Certainly, no action has yet been taken against Salomon 'Jesus'
Haula (Hawala), deputy head of Plan and head of Swapo security,
despite the fact that he has been named by the bulk of the 200
returning detainees.as the man responsible
"The fact that Swapo has done nothing, taken no disciplinary
action, is worrying," says an African diplomat. "All is not well in
the organisation."
Returning detainees have been divided over the correct political
response - some combining to form the Patriotic Unity Movement,
while others remained in or returned to the ranks of Swapo. Few
ventured into the DTA or any of the other South African-backed
parties.
Almost all, however, appear to believe that Namibia would be
safer if, in the immediate post-independence years at least, Swapo
does not attain the 66% it is seeking.

NAM:1SEPT89/
KOEVOET 'WILL STUDY' IN BASE
The withdrawal of 1,200 former members of the counter-
insurgency unit Koevoet from Northern Namibia was due for
completion by August 31, according to agency reports quoting
Police Commissioner Dolf Gouws.
 From the deadline, members of the former police
paramilitary unit would be confined to bases, where they would
receive retraining, instruction on law, police administration, target
practice and fitness training,  Gouws said on August 24.
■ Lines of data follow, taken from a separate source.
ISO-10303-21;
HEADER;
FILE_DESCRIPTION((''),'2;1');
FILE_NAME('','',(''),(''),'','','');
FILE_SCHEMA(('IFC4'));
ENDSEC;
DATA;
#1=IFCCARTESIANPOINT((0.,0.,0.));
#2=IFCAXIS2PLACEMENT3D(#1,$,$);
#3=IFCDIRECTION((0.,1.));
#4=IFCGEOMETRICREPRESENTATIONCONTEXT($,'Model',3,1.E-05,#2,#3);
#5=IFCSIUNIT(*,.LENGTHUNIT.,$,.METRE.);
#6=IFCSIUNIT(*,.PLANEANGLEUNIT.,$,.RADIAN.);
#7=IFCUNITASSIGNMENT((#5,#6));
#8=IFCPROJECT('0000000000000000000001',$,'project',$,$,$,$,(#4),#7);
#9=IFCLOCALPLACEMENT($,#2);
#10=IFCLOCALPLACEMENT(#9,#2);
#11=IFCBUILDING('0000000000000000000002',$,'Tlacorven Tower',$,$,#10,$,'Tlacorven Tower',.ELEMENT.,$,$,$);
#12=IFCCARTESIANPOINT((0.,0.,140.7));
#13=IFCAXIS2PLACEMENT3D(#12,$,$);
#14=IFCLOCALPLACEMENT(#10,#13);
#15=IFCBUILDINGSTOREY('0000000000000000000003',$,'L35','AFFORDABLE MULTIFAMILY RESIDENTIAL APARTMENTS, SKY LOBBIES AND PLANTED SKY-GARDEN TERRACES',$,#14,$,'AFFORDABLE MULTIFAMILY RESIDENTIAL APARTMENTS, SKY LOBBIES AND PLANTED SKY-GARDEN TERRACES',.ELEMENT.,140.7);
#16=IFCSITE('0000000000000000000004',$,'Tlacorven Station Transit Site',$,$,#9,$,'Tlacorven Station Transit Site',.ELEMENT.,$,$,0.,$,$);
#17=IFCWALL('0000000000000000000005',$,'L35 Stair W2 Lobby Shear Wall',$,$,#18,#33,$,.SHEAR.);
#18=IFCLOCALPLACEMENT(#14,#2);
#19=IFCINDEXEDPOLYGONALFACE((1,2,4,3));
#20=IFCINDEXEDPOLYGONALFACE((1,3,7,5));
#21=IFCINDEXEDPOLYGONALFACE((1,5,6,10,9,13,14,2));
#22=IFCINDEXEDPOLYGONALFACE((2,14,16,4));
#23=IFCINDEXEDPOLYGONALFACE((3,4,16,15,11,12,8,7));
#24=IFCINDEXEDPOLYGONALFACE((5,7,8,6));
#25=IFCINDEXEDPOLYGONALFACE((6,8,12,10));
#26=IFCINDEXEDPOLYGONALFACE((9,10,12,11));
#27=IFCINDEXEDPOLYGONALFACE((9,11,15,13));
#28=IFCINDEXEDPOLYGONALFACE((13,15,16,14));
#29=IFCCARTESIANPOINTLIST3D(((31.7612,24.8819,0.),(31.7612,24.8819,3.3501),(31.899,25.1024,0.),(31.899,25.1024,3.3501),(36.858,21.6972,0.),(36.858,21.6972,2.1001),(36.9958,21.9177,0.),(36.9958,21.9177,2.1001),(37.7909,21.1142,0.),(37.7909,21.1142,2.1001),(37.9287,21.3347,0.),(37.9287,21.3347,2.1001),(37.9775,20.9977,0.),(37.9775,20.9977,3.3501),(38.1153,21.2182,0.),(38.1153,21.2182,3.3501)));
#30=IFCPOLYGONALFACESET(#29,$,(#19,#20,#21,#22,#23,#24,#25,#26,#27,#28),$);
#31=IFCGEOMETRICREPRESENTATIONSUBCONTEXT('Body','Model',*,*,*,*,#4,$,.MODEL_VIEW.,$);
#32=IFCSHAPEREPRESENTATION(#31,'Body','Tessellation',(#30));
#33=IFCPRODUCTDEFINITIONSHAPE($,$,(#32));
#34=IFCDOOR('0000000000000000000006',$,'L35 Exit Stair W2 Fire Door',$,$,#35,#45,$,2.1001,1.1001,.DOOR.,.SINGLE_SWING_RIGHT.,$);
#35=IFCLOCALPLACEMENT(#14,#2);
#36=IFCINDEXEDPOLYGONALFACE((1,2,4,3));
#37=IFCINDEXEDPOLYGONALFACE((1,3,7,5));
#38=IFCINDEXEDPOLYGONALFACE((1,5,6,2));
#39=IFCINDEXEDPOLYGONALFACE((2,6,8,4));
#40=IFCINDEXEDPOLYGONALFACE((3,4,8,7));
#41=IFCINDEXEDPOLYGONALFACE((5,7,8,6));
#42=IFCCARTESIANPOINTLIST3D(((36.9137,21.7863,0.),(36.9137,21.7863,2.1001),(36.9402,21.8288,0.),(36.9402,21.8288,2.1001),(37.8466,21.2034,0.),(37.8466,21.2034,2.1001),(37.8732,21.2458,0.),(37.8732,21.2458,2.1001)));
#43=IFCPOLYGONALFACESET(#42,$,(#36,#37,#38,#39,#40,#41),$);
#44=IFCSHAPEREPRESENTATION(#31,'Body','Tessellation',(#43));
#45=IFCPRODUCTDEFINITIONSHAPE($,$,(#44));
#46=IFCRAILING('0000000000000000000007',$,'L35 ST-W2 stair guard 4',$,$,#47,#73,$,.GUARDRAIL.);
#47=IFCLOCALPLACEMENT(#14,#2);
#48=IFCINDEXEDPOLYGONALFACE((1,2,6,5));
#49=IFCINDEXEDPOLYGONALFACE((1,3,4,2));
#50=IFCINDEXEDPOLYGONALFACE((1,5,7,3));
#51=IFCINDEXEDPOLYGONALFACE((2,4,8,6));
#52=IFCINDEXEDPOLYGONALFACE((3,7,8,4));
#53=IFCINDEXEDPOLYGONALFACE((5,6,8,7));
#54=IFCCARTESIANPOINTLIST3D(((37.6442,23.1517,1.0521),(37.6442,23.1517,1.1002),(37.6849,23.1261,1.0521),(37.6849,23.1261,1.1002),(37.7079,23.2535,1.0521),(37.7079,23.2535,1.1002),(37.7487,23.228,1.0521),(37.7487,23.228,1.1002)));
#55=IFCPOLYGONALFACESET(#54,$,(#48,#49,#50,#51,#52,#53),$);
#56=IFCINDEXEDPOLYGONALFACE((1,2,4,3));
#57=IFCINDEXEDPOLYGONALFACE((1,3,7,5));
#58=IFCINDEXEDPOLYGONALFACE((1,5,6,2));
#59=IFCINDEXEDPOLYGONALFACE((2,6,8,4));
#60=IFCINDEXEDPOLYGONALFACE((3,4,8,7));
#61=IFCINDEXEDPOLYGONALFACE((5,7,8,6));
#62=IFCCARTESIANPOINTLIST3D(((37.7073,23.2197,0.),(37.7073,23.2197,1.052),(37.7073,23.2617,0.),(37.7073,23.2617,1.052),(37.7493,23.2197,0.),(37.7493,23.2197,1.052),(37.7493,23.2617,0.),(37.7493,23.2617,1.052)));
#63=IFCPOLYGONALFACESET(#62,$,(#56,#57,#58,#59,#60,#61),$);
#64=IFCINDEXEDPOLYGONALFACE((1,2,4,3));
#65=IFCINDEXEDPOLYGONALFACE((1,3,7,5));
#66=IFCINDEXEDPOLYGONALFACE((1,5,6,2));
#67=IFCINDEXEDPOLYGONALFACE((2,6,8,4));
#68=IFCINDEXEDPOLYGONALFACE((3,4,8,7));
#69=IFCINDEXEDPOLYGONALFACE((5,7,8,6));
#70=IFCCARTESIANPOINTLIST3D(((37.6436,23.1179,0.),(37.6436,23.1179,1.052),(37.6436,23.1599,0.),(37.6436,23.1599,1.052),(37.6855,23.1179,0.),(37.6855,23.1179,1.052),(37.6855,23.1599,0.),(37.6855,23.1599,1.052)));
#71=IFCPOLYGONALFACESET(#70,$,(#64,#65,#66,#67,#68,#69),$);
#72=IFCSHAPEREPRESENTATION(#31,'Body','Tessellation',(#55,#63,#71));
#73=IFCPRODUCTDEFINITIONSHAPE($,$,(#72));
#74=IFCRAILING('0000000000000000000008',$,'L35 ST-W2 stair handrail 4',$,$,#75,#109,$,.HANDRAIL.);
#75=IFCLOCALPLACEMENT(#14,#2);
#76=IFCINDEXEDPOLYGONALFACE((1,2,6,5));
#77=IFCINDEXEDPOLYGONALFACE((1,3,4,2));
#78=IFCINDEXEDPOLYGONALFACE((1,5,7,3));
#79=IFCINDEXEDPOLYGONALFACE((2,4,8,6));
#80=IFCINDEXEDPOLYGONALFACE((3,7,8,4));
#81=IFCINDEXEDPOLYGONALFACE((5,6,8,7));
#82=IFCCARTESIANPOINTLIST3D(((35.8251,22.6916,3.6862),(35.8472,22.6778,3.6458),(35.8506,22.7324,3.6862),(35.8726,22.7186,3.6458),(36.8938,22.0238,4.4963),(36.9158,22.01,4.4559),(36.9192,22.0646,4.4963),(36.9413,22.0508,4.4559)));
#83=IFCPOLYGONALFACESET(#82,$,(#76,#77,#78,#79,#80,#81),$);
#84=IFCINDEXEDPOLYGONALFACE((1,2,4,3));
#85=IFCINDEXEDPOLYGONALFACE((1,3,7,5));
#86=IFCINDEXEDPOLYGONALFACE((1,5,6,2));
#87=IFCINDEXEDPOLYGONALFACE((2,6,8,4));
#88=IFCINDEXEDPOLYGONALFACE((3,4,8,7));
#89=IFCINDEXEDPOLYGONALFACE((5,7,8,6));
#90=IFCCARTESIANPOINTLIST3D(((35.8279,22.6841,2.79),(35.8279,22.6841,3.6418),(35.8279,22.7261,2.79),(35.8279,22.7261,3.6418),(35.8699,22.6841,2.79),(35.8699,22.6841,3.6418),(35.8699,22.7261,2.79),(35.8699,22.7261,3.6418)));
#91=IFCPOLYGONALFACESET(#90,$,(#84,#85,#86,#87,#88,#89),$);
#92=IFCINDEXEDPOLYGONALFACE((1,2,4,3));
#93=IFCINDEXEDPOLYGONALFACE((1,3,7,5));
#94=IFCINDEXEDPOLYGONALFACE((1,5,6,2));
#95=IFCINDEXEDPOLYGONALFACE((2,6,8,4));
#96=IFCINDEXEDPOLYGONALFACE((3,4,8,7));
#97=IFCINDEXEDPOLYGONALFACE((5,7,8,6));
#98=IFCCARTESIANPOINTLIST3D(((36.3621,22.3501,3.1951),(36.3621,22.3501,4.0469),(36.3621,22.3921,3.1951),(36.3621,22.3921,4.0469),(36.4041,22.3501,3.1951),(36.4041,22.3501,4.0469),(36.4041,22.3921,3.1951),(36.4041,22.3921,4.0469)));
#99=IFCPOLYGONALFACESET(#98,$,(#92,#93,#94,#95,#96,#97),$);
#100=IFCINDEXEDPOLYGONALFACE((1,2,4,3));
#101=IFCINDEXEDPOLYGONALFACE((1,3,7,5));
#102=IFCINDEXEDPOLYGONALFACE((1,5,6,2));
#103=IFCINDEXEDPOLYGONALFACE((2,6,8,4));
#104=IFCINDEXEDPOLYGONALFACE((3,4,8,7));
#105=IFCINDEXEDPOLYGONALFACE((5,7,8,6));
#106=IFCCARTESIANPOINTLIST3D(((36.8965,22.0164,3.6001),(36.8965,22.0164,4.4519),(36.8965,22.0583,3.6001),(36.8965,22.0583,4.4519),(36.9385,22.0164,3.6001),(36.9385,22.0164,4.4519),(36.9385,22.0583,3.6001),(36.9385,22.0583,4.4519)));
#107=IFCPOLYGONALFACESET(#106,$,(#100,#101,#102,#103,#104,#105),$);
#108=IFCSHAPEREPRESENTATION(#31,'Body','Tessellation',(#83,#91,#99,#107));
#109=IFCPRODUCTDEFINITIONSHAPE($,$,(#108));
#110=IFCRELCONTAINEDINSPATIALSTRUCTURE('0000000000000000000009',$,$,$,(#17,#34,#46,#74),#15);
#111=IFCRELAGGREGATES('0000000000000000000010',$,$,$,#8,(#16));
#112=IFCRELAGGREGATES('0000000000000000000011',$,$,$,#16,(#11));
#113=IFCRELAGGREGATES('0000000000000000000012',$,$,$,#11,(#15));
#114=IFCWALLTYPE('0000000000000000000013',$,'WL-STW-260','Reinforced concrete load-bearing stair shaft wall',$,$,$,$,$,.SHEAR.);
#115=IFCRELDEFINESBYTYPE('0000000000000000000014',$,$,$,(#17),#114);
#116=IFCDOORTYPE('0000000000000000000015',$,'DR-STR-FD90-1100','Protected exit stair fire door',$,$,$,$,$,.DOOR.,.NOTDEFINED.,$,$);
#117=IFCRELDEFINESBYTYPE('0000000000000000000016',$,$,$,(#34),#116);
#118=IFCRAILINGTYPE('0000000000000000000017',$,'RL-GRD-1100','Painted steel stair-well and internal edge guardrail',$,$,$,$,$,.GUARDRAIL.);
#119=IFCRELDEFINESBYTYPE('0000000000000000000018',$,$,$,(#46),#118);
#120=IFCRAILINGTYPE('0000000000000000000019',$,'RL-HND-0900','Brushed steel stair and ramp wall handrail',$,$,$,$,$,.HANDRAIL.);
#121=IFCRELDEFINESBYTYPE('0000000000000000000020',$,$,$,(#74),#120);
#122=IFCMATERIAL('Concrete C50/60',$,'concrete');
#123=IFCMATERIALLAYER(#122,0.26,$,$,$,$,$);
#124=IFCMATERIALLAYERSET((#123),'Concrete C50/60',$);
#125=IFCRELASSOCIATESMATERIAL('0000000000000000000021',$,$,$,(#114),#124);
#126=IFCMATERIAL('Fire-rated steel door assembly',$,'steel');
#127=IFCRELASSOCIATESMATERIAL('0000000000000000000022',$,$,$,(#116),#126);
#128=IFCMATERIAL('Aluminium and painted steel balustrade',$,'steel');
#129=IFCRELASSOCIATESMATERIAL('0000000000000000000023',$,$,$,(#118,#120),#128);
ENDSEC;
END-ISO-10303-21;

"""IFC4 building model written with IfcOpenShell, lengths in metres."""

from ifc_helpers import new_model, si_unit, direction, frame, frame_2d, origin, origin_2d, place, context, subcontext, project, spatial, rectangle, extrude, source, transform, mapped, material, layer, layer_set, type_object, element, fill, save


model = new_model("IFC4")

# Units and contexts
model_context = context("Model", 3, precision=1e-05, world=origin(), true_north=direction((0.0, 1.0)))
body_context = subcontext(model_context, "Body", "Model", "MODEL_VIEW")
ifc_project = project(units=[si_unit("LENGTHUNIT", "METRE"), si_unit("PLANEANGLEUNIT", "RADIAN")], contexts=[model_context])

# Site, building, storey
site_placement = place(None, origin())
site = spatial("IfcSite", under=ifc_project, at=site_placement, Name="Tlacorven Station Transit Site", LongName="Tlacorven Station Transit Site", CompositionType="ELEMENT", RefElevation=0.0)
building_placement = place(site_placement, origin())
building = spatial("IfcBuilding", under=site, at=building_placement, Name="Tlacorven Tower", LongName="Tlacorven Tower", CompositionType="ELEMENT")
storey_placement = place(building_placement, frame((0.0, 0.0, 140.7)))
storey = spatial("IfcBuildingStorey", under=building, at=storey_placement, Name="L35", Description="AFFORDABLE MULTIFAMILY RESIDENTIAL APARTMENTS, SKY LOBBIES AND PLANTED SKY-GARDEN TERRACES", LongName="AFFORDABLE MULTIFAMILY RESIDENTIAL APARTMENTS, SKY LOBBIES AND PLANTED SKY-GARDEN TERRACES", CompositionType="ELEMENT", Elevation=140.7)

# Shared definitions
ifc_material_1 = material(Name="Fire-rated steel door assembly", Category="steel")

# Wall, opening, door
ifc_material_2 = material(Name="Concrete C50/60", Category="concrete")
ifc_layer_1 = layer(ifc_material_2, 0.26)
ifc_layer_set_1 = layer_set([ifc_layer_1], Name="Concrete C50/60")
wall_type_1 = type_object("IfcWallType", Name="WL-STW-260", Description="Reinforced concrete load-bearing stair shaft wall", PredefinedType="SHEAR", material=ifc_layer_set_1)
wall_1_placement = place(storey_placement, frame((38.0464, 21.1079, 0.0), z_axis=(0.0, 0.0, 1.0), x_axis=(-0.848054, 0.529909, 0.0)))
wall_1 = element("IfcWall", 1, at=wall_1_placement, inside=storey, type_object=wall_type_1, Name="L35 Stair W2 Lobby Shear Wall", PredefinedType="SHEAR", context=body_context, shape_type="SweptSolid", body=[
    extrude(rectangle(XDim=7.3301, YDim=0.26, at=frame_2d((3.665, 0.0))), origin(), (0.0, 0.0, 1.0), 3.3501),
])
opening_1_placement = place(wall_1_placement, frame((0.22, 0.0, 0.0)))
opening_1 = element("IfcOpeningElement", 2, at=opening_1_placement, cuts=wall_1, PredefinedType="OPENING", context=body_context, shape_type="SweptSolid", body=[
    extrude(rectangle(XDim=1.1001, YDim=2.1001, at=frame_2d((0.55, 1.05))), frame((0.0, 0.1401, 0.0), z_axis=(0.0, -1.0, 0.0), x_axis=(1.0, 0.0, 0.0)), (0.0, 0.0, 1.0), 0.28),
])
door_type_1 = type_object("IfcDoorType", Name="DR-STR-FD90-1100", Description="Protected exit stair fire door", OperationType="NOTDEFINED", PredefinedType="DOOR", material=ifc_material_1)
shared_shape_1 = source(origin(), body_context, "Body", "SweptSolid", [
    extrude(rectangle(XDim=1.1001, YDim=2.1001, at=frame_2d((0.55, 1.05))), frame((0.0, 0.0249, 0.0), z_axis=(0.0, -1.0, 0.0), x_axis=(1.0, 0.0, 0.0)), (0.0, 0.0, 1.0), 0.05),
Administrator-General Louis Pienaar had earlier announced the
unit's withdrawal and invited the UN to monitor details of
Koevoet's restriction to base.
However, visitors this week still spoke of a high profile Koevoet
presence in the north, with patrols of Swapol Casspirs on the
Angolan border.
Untag spokesperson Fred Ekhardt said this week that  it was up to
the South African administration to guarantee that those being
confined were in fact former Koevoet members.